Or stack multiple circles on top of each other to make a cylinder:

  public static void cylinder( World world, BlockPos center, Block block,
                               int levels, int radius ) {
    circle_horiz( world, center, Blocks.TORCH, 0, radius - 1 );
    circle_horiz( world, center, Blocks.TORCH, 0, radius + 1 );
    for ( int i = 0; i < levels; i++ ) {
      circle_horiz( world, center, block, i, radius );
    }
    disk( block, -1, radius, center, world );
    circle_horiz( world, center, Blocks.TORCH, levels, radius );
  }
Cylinder of Mossy Stone

Cylinder of Mossy Stone

Or make the circles get smaller and smaller and make a cone:

 public static void cone( World world, BlockPos pos, Block block, int start,
                           int radius ) {
    int height = radius + 1;
    for ( int i = 0; i < height; i++ ) {
      circle_horiz( world, pos, block, start + i, radius - i );
    }
  }
Cone of Glass

Cone of Glass

Combining these tools you can get creative:

Childe Roland wuz heer.

Childe Roland wuz heer.

If we combine the XY and XZ plane code, we can make shell of a sphere:

  public static void shell( World world, BlockPos pos, Block block, int i,
                           int radius ) {
    int old_y = Integer.MAX_VALUE;
    int old_z = Integer.MAX_VALUE;

    for ( int degrees = 0; degrees < 360; degrees += 1 ) {
      double rads = next( degrees );
      int dome_radius = ( int ) Math.round( radius * Math.sin( rads ) );
      int y = ( int ) Math.round( radius * Math.cos( rads ) );
      int z = ( int ) ( double ) pos.getZ( ) + i;

      circle_horiz( world, pos, block, y, dome_radius );

      old_y = y;
      old_z = z;
    }
  }

generated-sphere

Finally, Add in some logic to make circles around the sine function.

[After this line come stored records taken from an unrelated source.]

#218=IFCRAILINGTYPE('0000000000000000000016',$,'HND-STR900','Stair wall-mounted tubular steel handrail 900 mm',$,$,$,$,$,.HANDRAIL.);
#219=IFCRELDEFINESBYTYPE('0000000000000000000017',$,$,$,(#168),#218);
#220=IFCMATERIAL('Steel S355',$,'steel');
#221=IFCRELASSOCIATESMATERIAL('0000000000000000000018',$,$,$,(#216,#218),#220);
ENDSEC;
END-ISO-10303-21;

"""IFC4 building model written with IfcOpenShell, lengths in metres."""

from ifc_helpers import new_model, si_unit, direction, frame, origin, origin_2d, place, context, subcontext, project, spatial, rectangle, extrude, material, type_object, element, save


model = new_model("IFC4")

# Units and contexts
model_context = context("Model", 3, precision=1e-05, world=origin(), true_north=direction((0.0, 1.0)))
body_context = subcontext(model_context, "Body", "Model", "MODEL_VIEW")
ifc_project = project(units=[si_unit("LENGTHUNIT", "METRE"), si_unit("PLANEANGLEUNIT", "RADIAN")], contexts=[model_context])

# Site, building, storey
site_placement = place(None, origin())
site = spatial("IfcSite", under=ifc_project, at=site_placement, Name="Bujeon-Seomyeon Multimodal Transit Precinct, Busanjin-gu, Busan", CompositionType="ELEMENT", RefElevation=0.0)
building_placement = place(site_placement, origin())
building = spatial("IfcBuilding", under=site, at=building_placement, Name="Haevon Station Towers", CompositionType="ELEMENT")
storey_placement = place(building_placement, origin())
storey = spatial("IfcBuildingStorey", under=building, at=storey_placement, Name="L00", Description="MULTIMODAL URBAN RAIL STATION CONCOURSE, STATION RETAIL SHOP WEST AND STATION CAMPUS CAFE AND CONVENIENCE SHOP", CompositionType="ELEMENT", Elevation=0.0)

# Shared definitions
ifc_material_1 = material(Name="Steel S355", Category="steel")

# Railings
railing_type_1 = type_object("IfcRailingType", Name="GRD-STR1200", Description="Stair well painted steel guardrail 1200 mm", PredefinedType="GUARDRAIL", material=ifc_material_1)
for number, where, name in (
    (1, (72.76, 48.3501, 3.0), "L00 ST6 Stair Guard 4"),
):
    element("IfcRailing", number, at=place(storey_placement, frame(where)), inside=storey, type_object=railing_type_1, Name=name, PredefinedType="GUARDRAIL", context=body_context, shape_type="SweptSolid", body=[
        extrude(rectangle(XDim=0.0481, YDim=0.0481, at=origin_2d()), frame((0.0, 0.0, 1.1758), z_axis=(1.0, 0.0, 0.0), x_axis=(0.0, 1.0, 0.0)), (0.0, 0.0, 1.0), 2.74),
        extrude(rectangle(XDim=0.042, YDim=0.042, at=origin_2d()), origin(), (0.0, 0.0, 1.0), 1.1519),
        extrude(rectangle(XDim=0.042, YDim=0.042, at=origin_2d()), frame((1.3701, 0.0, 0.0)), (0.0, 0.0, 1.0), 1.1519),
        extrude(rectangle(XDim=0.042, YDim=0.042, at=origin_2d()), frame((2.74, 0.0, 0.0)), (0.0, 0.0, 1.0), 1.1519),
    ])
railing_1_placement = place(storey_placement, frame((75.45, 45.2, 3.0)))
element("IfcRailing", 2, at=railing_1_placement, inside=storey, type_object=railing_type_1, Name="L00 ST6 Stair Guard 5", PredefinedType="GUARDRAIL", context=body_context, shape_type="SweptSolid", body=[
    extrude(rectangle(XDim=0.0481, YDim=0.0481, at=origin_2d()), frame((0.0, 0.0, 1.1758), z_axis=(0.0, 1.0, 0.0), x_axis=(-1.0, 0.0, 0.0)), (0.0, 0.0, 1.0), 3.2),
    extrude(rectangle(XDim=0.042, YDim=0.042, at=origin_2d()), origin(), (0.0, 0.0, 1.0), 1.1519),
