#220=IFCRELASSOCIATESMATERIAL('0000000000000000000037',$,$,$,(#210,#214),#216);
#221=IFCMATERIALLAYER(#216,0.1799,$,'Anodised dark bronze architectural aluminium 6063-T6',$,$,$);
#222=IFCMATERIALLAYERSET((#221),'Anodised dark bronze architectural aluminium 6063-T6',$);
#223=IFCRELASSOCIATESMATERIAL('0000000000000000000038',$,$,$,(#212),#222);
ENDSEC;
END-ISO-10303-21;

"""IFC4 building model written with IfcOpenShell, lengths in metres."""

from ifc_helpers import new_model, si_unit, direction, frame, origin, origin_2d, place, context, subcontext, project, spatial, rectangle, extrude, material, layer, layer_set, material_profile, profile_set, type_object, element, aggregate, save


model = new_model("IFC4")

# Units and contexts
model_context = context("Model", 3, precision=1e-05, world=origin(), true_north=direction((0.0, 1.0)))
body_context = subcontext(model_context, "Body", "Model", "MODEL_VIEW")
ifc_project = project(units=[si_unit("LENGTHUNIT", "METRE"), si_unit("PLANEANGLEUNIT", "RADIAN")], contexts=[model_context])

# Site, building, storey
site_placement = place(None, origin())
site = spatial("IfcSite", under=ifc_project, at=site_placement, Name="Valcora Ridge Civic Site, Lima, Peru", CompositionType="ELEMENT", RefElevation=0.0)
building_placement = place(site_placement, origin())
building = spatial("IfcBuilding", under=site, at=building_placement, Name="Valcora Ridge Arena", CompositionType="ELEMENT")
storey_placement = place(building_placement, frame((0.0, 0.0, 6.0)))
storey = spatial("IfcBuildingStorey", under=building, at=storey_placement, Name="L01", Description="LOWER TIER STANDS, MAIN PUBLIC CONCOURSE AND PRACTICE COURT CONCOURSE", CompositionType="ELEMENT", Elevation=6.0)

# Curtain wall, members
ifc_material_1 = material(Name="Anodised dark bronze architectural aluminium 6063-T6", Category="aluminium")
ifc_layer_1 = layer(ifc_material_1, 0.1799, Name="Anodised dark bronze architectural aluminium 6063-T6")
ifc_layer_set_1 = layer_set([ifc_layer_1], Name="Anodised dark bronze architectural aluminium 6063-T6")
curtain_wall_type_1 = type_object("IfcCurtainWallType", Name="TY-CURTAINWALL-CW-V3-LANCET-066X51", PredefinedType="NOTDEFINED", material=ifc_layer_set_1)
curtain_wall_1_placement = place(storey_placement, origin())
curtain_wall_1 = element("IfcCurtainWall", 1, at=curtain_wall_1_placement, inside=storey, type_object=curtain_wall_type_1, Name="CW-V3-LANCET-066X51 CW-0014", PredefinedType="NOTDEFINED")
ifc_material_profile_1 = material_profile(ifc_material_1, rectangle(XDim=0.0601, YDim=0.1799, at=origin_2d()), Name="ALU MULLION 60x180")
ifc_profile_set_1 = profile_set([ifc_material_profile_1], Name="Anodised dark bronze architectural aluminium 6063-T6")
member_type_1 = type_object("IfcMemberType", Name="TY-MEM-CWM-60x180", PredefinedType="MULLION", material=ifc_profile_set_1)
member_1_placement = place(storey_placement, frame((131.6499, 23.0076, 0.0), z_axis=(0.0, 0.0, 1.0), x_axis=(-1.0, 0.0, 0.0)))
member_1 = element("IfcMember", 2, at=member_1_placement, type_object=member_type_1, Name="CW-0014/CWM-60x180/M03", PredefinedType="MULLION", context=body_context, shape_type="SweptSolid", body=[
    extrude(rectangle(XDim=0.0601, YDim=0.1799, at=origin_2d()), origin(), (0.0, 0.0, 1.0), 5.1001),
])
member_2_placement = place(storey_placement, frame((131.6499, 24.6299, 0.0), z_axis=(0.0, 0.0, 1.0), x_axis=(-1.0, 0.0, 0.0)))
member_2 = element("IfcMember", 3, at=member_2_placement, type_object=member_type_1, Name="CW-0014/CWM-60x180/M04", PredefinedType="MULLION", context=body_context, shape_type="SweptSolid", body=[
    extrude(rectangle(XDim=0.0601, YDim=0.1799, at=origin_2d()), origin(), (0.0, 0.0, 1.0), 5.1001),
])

 public static  void sinewave( EntityPlayer sender ) {
    EntityPlayer player = sender;
    World world = player.worldObj;

    float TAU = (float)Math.PI * 2;

    for ( float radians = 0; radians < TAU; radians+= TAU/360  ) {
      world.setBlockState( new BlockPos( radians * 10, 0 , Math.sin(radians) * 10 ), Blocks.DIRT.getDefaultState( ) );
    }
    Block block = get_selected_block(player);
    BlockPos pos = player.getPosition();
    for ( float radians = 0; radians < 5 * TAU; radians+= TAU/360  ) {
      circle_virt_z(player.worldObj, new BlockPos(radians * 10, 0, 0), Blocks.GOLD_BLOCK, 20, Math.sin(radians) * 10 );
    }
  }
}

generated-sine-waves

Have fun.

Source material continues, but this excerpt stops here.